Multiple Return Values (Lisp solution)


  • 0
    M

    I'm not trying to start a war over preferred languages, I just enjoy working through these problems in a variety of languages on my own time to keep my wit sharp, and this problem raised an interesting use case for multiple return values. Here is a solution in common lisp (it's O(sqrt(N)) time complexity and is more or less the algorithm most people seem to have produced here):

    (defun sum-of-squares-p (i)
      (loop with top = (1- (floor (sqrt i)))
            for s from 1 upto top do
            (multiple-value-bind (div remain)
                (floor (sqrt (- i (* s s))))
                (when (= remain 0)
                  (return-from sum-of-squares-p
                               (values t s div)))))
      (values nil 0 0))
    

    The interesting thing about this solution is not the algorithm, which is much the same as other solutions here, but rather the return value - in a boolean or single-value context, it's either t (true) or nil (false), but because in Lisp a function can return multiple values, the integers one would sum and square are also returned, and can be used later.

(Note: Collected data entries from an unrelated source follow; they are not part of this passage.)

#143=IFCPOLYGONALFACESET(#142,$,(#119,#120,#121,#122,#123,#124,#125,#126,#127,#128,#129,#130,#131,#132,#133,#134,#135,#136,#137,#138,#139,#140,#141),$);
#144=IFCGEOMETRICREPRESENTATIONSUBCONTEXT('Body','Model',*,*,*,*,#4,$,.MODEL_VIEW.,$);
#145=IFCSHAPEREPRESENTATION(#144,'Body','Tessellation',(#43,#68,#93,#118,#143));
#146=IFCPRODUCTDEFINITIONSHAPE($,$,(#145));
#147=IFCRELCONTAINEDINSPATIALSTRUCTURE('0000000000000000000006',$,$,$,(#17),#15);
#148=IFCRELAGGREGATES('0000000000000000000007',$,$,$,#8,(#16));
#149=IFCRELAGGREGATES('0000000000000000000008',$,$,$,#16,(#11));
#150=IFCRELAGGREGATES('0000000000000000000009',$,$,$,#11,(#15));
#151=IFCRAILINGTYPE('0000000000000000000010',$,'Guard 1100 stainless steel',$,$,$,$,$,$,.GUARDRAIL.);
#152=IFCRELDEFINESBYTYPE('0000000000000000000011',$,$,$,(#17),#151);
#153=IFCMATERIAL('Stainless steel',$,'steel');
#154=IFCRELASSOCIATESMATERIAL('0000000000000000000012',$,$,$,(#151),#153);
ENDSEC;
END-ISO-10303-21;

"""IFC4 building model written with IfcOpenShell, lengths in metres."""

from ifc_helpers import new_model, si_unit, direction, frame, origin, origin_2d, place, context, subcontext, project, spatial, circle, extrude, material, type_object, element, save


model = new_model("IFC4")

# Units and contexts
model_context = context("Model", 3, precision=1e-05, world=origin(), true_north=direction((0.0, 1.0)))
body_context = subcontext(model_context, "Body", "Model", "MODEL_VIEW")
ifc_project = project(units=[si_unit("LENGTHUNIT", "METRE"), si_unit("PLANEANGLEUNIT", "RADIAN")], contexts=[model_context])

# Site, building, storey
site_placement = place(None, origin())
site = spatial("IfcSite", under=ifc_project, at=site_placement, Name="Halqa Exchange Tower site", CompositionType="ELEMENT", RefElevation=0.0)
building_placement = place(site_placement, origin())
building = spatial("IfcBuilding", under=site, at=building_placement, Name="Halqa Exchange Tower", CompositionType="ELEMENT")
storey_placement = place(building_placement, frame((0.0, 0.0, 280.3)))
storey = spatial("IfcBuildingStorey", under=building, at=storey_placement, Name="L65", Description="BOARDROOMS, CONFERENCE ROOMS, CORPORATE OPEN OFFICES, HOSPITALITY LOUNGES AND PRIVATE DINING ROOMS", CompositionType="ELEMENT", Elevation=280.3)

An example REPL session with the above defined:

    CL-USER> (sum-of-squares-p 5)
    T
    1
    2
    CL-USER> (if (sum-of-squares-p 5) "Yep!" "Nah")
    "Yep!"
    CL-USER> (loop for i from 0 to 10 do
                   (multiple-values-bind (p a b) (sum-of-squares-p i)
                       (when p (format t "~A = ~A^2 + ~A^2~%" i a b))))
    5 = 1^2 + 2^2
    10 = 1^2 + 3^2
    NIL
    

    I wanted to point it out as an interesting language feature. I wish more languages had this feature because it helps maintain abstraction boundaries in cases where subsequently useful values are a byproduct of whatever a function nominally computes.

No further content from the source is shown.